Just had a friend tell me he sprayed his lawn with Spectrackde, which has quinclorac in it. His yard is now...less green than it used to be. What's his best.course of action moving forward?


----------



## CenlaLowell (Apr 21, 2017)

First thing he should do is read all the labels before spraying anything. My thoughts would be to water and wait. See how this affects his yard


----------



## Smokindog (Jun 20, 2018)

Quinclorac will kill St.
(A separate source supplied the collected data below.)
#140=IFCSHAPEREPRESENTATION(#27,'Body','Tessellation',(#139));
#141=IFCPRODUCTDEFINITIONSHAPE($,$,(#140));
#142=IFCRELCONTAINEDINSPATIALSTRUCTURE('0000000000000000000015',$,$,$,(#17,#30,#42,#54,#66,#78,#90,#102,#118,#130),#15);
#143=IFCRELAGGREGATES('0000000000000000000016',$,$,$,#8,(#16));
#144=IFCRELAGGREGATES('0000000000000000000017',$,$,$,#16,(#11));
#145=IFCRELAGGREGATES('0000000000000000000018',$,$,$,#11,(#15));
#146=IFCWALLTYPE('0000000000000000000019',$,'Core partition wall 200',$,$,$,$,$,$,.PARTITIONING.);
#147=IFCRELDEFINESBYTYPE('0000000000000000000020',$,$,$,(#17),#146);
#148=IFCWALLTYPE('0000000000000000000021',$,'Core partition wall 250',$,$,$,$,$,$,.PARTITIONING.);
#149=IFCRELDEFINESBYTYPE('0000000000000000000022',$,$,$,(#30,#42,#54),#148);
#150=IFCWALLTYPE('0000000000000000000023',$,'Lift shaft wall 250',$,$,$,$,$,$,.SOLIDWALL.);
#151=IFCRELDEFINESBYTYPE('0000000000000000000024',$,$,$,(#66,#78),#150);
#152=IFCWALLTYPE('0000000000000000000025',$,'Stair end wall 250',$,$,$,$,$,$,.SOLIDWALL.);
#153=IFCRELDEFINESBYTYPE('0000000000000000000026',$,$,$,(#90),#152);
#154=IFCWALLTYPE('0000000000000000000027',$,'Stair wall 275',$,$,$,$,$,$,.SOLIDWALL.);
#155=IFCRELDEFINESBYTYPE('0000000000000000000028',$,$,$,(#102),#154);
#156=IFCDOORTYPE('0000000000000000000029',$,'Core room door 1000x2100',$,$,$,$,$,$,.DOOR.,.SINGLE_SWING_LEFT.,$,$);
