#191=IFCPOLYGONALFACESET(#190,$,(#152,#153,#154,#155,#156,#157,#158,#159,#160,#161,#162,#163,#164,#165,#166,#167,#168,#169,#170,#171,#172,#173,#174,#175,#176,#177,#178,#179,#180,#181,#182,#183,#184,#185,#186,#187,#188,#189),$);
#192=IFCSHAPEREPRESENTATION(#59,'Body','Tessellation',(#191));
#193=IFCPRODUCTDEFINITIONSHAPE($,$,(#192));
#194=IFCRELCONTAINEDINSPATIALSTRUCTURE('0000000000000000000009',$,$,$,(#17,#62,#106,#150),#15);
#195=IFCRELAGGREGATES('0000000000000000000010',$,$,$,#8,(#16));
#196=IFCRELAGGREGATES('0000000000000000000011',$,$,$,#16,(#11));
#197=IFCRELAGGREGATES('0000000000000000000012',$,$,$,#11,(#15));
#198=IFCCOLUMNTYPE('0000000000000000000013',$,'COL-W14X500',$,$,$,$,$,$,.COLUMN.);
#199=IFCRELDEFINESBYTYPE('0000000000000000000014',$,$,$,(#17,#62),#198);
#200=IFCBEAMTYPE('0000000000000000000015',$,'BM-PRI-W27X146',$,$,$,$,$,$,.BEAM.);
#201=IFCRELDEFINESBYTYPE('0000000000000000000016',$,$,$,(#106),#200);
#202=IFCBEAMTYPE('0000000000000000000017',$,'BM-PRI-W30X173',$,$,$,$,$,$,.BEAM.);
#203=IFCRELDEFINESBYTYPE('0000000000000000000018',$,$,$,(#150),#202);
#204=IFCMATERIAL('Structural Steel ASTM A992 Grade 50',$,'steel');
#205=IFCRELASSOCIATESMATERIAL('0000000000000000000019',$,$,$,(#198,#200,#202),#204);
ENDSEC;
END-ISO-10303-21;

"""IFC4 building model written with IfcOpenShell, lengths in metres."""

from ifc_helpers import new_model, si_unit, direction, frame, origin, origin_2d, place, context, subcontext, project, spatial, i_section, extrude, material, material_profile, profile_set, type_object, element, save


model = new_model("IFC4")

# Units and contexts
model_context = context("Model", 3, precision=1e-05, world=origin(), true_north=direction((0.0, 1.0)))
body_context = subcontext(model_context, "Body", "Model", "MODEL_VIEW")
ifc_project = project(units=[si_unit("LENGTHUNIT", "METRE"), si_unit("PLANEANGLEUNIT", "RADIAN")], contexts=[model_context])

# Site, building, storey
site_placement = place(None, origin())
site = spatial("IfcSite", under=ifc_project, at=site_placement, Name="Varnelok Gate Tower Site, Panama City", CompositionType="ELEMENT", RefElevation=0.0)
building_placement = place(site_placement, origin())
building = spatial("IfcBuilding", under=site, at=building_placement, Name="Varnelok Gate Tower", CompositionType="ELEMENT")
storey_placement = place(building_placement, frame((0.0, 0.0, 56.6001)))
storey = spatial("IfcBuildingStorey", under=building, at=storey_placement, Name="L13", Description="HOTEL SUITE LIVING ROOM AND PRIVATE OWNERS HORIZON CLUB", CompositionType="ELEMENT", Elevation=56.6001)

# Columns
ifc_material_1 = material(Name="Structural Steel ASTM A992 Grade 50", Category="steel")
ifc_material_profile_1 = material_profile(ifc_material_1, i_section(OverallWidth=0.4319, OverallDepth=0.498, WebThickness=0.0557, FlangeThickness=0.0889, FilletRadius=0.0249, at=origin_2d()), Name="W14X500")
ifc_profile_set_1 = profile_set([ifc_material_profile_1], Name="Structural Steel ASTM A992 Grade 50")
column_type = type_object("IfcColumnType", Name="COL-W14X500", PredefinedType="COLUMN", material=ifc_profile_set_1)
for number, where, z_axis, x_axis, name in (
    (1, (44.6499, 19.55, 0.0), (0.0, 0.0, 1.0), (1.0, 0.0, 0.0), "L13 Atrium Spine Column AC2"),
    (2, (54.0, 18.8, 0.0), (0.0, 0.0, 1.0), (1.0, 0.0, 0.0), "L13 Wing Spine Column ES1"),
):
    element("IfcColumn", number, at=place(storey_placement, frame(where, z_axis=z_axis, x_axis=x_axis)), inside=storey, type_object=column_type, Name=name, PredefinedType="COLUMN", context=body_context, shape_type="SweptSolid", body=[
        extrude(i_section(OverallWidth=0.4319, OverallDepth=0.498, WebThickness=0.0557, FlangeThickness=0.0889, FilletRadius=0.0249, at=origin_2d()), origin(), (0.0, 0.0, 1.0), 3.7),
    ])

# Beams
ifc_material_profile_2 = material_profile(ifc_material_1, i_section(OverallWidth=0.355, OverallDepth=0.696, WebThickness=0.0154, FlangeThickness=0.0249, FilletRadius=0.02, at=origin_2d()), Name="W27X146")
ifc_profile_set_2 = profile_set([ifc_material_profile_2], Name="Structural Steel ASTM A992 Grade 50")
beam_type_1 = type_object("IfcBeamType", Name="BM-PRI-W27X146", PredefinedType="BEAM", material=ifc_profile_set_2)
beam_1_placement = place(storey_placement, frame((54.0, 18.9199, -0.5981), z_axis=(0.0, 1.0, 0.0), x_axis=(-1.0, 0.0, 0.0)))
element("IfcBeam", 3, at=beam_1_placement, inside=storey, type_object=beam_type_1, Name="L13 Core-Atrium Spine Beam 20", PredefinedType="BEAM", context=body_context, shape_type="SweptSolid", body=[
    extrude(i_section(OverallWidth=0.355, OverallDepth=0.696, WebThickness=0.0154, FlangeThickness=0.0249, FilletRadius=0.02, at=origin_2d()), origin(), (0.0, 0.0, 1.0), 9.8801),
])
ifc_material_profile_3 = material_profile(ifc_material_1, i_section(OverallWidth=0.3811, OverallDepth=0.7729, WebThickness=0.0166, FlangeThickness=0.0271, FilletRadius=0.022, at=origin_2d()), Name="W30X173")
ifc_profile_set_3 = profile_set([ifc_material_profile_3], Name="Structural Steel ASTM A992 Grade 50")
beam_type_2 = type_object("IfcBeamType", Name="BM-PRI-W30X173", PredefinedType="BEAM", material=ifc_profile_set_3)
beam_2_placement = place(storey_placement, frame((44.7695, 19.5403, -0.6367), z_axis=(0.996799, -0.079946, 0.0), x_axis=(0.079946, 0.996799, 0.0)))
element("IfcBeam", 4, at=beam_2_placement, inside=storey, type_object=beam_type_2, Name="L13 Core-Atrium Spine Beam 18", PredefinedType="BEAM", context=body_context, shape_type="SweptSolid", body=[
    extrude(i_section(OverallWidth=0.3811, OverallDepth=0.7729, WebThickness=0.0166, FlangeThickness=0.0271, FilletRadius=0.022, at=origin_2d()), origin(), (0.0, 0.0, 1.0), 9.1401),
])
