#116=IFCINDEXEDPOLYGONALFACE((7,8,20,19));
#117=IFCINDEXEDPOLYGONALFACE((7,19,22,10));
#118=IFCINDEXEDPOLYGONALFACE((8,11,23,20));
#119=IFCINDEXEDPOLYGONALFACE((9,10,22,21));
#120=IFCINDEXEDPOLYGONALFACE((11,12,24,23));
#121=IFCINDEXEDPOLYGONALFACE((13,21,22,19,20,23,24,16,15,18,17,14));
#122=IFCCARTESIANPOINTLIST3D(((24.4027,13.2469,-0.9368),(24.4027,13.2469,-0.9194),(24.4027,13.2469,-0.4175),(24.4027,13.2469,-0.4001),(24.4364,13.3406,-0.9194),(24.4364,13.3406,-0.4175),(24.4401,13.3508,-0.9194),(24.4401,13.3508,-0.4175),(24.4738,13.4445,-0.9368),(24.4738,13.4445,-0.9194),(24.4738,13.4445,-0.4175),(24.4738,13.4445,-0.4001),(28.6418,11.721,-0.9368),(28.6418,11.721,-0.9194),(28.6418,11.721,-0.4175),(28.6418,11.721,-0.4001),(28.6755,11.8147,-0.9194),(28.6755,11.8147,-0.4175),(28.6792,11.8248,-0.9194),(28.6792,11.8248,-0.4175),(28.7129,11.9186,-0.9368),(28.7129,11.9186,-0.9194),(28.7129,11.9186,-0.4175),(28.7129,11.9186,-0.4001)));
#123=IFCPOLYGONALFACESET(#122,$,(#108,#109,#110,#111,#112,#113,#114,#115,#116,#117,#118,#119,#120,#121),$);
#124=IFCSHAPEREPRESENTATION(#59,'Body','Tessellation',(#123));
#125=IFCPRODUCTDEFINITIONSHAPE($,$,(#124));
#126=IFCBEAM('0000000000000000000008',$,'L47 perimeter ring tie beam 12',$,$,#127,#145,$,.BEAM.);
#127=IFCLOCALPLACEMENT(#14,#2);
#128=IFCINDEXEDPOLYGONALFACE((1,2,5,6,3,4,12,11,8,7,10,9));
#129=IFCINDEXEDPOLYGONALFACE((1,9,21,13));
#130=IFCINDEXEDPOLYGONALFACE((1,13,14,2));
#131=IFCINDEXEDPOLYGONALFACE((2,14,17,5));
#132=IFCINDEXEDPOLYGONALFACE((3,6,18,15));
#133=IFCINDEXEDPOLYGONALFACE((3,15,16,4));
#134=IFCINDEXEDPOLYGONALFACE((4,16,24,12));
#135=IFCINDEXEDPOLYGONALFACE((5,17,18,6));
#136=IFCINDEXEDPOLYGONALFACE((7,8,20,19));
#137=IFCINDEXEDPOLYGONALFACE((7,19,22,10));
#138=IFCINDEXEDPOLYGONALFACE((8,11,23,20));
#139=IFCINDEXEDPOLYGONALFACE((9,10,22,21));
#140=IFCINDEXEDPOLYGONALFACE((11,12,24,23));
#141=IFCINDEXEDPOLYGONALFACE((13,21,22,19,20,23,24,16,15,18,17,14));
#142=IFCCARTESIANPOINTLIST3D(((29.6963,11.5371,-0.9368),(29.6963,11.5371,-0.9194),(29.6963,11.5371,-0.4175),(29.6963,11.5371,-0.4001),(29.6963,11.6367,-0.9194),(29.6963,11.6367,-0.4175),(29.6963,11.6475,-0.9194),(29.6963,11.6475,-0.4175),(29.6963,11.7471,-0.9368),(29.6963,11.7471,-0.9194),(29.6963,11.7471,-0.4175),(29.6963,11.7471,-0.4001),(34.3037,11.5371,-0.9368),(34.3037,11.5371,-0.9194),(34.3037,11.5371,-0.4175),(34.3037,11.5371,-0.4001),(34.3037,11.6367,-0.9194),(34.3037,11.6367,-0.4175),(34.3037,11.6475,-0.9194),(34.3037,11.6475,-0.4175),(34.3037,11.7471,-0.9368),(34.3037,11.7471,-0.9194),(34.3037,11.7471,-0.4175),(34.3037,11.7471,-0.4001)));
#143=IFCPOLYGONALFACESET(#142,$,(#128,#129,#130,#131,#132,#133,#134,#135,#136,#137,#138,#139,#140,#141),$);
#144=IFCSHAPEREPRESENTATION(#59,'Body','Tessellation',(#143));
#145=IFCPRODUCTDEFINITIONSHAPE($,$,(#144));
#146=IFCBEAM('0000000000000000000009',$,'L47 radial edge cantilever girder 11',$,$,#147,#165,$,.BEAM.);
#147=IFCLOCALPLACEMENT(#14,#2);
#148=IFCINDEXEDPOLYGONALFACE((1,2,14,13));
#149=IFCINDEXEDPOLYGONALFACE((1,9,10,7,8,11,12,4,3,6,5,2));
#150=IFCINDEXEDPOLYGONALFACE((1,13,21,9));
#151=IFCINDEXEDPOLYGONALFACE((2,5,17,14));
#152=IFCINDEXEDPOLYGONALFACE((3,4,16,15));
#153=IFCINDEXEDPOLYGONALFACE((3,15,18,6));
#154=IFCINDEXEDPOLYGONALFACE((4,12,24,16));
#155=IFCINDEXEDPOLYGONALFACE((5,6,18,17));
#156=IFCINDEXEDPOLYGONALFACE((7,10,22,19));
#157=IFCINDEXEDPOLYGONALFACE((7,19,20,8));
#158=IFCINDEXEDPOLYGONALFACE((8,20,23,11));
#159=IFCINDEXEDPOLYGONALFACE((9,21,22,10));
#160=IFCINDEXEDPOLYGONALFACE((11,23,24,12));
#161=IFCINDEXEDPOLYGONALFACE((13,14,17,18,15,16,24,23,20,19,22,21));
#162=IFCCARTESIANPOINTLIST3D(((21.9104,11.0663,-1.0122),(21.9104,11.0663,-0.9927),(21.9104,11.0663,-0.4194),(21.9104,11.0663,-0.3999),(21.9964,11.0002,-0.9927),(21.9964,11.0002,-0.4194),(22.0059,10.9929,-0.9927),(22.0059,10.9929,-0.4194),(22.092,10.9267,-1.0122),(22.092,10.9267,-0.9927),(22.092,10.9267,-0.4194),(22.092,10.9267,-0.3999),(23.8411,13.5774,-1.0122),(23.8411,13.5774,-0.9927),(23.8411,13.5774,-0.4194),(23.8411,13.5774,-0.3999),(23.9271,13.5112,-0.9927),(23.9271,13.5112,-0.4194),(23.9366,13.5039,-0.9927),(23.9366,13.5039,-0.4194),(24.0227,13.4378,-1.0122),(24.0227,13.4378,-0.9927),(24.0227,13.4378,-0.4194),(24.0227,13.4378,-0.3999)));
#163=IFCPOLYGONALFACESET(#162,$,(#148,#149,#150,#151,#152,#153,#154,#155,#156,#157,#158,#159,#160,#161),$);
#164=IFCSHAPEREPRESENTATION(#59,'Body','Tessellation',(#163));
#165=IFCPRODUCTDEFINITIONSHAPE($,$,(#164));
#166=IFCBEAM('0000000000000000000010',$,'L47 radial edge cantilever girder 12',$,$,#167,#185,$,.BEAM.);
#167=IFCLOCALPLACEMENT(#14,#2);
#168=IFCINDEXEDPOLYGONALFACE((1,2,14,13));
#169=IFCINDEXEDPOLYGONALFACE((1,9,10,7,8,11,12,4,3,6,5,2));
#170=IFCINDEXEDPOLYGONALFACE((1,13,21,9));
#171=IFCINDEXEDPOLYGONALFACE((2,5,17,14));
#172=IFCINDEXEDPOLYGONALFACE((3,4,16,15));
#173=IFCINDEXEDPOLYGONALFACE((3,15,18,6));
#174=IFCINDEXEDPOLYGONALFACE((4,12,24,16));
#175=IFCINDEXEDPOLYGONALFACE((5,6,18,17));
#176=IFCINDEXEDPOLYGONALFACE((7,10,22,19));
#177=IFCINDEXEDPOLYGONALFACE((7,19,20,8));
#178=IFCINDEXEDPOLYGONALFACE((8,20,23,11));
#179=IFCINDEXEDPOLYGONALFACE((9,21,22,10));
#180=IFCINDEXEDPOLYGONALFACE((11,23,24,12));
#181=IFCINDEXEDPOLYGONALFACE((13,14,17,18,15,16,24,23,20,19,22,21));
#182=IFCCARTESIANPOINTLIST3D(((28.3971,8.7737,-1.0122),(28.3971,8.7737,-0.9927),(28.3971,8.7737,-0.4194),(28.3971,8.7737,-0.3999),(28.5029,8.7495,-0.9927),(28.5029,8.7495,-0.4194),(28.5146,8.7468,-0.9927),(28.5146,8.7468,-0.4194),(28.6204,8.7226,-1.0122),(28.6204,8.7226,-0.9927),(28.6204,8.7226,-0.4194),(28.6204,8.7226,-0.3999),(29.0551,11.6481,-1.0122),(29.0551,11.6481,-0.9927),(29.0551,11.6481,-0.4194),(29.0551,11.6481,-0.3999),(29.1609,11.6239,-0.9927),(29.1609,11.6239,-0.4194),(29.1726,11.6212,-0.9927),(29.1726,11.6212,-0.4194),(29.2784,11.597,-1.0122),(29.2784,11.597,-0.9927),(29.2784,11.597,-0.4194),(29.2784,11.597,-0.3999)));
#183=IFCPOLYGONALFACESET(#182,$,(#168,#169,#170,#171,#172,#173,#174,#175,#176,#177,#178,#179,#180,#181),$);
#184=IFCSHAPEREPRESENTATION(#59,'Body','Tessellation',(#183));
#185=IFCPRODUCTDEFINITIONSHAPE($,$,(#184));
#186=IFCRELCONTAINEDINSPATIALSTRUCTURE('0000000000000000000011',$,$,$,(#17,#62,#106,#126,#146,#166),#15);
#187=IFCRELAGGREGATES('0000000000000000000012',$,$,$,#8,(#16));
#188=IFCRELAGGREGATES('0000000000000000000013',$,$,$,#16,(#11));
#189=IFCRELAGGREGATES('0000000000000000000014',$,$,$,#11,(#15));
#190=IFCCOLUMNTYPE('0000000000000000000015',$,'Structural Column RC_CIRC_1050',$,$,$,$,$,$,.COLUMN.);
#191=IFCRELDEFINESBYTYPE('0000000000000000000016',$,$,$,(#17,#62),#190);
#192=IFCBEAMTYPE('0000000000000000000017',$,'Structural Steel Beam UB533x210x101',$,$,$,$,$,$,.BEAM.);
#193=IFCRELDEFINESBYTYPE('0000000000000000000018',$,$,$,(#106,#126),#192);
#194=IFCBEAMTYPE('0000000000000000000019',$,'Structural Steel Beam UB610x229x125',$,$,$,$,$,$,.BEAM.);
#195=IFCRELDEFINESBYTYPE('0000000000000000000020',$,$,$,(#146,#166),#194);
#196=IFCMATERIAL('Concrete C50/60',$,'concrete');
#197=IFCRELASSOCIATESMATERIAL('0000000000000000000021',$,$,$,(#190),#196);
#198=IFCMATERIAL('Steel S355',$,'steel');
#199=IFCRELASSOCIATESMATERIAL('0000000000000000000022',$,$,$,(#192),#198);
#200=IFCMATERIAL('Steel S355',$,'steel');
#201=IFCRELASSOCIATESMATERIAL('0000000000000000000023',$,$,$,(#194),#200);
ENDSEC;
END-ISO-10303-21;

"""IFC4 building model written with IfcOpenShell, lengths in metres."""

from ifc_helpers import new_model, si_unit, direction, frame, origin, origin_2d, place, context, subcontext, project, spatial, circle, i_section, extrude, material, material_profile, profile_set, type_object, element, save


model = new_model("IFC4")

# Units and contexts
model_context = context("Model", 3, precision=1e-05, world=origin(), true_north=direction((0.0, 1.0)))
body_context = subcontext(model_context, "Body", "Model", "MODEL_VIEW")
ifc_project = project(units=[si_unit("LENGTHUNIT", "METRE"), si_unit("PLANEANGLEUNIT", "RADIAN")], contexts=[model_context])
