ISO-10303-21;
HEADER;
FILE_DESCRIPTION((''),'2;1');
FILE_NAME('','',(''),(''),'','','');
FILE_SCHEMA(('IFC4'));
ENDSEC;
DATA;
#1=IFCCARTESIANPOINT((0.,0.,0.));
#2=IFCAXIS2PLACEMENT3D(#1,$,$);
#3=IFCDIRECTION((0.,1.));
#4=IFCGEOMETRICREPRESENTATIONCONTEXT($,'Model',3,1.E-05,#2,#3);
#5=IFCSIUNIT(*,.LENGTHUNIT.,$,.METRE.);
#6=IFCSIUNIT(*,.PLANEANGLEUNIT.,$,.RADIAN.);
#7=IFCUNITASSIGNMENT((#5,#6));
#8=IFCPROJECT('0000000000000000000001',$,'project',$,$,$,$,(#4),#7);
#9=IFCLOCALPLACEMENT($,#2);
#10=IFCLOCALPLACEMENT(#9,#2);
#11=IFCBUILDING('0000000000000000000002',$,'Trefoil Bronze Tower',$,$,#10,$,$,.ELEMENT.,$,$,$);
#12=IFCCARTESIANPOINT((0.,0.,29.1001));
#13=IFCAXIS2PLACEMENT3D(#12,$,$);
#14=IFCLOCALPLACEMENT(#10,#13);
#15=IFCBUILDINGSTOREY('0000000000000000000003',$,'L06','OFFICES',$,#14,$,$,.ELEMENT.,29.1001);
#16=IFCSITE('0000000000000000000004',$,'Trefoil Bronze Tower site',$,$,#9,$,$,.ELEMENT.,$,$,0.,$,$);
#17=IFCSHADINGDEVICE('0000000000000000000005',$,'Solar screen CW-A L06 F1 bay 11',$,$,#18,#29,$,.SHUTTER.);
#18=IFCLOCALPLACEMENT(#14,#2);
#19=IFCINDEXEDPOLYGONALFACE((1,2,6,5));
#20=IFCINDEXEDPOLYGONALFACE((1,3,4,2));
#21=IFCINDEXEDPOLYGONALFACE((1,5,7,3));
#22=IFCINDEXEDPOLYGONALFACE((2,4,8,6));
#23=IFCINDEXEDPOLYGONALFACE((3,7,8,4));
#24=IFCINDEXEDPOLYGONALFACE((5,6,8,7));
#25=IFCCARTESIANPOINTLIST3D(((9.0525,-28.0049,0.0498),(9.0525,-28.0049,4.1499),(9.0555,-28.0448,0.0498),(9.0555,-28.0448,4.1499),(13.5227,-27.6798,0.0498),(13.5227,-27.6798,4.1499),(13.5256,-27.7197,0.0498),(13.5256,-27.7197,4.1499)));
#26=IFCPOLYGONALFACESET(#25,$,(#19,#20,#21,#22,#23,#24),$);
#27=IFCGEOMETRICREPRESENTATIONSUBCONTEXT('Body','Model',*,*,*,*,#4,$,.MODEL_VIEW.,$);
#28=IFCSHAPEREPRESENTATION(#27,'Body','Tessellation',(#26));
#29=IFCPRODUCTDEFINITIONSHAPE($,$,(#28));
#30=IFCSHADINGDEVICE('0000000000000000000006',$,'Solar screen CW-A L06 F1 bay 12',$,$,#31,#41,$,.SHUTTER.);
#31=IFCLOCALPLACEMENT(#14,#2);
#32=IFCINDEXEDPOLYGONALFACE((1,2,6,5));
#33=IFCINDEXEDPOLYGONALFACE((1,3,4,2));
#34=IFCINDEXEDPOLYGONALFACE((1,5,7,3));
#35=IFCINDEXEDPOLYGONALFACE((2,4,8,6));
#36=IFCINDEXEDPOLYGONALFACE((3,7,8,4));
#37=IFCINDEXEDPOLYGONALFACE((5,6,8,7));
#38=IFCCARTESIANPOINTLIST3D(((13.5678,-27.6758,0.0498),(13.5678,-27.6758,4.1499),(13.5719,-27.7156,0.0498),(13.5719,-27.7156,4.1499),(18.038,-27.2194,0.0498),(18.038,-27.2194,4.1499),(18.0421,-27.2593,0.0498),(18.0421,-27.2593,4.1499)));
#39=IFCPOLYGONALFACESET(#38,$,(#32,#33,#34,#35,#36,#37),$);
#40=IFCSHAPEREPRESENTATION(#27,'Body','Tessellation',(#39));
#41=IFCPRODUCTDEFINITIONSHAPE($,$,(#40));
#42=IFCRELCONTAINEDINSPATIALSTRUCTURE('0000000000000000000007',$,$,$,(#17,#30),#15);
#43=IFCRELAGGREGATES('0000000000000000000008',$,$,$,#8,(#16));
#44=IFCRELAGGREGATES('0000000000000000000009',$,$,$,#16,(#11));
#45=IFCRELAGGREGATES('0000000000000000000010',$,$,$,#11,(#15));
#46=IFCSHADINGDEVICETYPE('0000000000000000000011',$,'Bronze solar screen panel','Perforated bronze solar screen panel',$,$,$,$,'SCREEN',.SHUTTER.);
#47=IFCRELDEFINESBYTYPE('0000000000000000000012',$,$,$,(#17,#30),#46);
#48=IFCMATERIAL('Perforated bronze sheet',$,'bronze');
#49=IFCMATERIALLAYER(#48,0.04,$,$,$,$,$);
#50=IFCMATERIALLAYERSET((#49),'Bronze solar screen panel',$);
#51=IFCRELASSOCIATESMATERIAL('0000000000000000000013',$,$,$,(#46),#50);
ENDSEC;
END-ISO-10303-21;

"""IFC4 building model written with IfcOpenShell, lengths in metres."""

from ifc_helpers import new_model, si_unit, direction, frame, origin, origin_2d, place, context, subcontext, project, spatial, rectangle, extrude, material, layer, layer_set, type_object, element, save


model = new_model("IFC4")

# Units and contexts
model_context = context("Model", 3, precision=1e-05, world=origin(), true_north=direction((0.0, 1.0)))
body_context = subcontext(model_context, "Body", "Model", "MODEL_VIEW")
ifc_project = project(units=[si_unit("LENGTHUNIT", "METRE"), si_unit("PLANEANGLEUNIT", "RADIAN")], contexts=[model_context])

# Site, building, storey
site_placement = place(None, origin())
site = spatial("IfcSite", under=ifc_project, at=site_placement, Name="Trefoil Bronze Tower site", CompositionType="ELEMENT", RefElevation=0.0)
building_placement = place(site_placement, origin())
building = spatial("IfcBuilding", under=site, at=building_placement, Name="Trefoil Bronze Tower", CompositionType="ELEMENT")
storey_placement = place(building_placement, frame((0.0, 0.0, 29.1001)))
storey = spatial("IfcBuildingStorey", under=building, at=storey_placement, Name="L06", Description="OFFICES", CompositionType="ELEMENT", Elevation=29.1001)

# Shading devices
ifc_material_1 = material(Name="Perforated bronze sheet", Category="bronze")
ifc_layer_1 = layer(ifc_material_1, 0.04)
ifc_layer_set_1 = layer_set([ifc_layer_1], Name="Bronze solar screen panel")
shading_device_type = type_object("IfcShadingDeviceType", Name="Bronze solar screen panel", Description="Perforated bronze solar screen panel", ElementType="SCREEN", PredefinedType="SHUTTER", material=ifc_layer_set_1)
shading_device_1_placement = place(storey_placement, frame((11.2891, -27.8623, 0.0498), z_axis=(0.0, 0.0, 1.0), x_axis=(0.997365, 0.072547, 0.0)))
element("IfcShadingDevice", 1, at=shading_device_1_placement, inside=storey, type_object=shading_device_type, Name="Solar screen CW-A L06 F1 bay 11", PredefinedType="SHUTTER", context=body_context, shape_type="SweptSolid", body=[
    extrude(rectangle(XDim=4.4819, YDim=0.04, at=origin_2d()), origin(), (0.0, 0.0, 1.0), 4.1001),
])
shading_device_2_placement = place(storey_placement, frame((15.8049, -27.4675, 0.0498), z_axis=(0.0, 0.0, 1.0), x_axis=(0.994829, 0.101565, 0.0)))
element("IfcShadingDevice", 2, at=shading_device_2_placement, inside=storey, type_object=shading_device_type, Name="Solar screen CW-A L06 F1 bay 12", PredefinedType="SHUTTER", context=body_context, shape_type="SweptSolid", body=[
    extrude(rectangle(XDim=4.4934, YDim=0.04, at=origin_2d()), origin(), (0.0, 0.0, 1.0), 4.1001),
])

save(model, "model.ifc")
Augustine.

See table 1 in this
https://www.domyown.com/msds/DriveLabel2014.pdf


----------



## erdons (Apr 3, 2018)

Keep watering hoping to dilute it and hope it bounces back, it probably will but might take a while..


----------



## Ecks from Tex (Apr 26, 2018)

His spray project probably turned into a plug project.


----------



## Success (Jun 15, 2017)

Is it worth buying quinclorac to spot spray crabgrass in st aug? I only have a couple patches which I'm excited about but if quinclorac kills st aug I might as well just spot spray some roundup


----------



## Gregau33 (Apr 15, 2018)

Success said:


> Is it worth buying quinclorac to spot spray crabgrass in st aug? I only have a couple patches which I'm excited about but if quinclorac kills st aug I might as well just spot spray some roundup


If you only have a couple of patches of crabgrass, just pull it out and make sure to put some preM down for the next growing cycle. Crabgrass is a pain, but it is real easy to pull up and get all the roots. Quinclorac on St. Aug. usually means death to the St. Aug.


----------



## Success (Jun 15, 2017)

Thanks. I've used prodiamine two seasons now and I got it pretty under control. I'll just pull it.


----------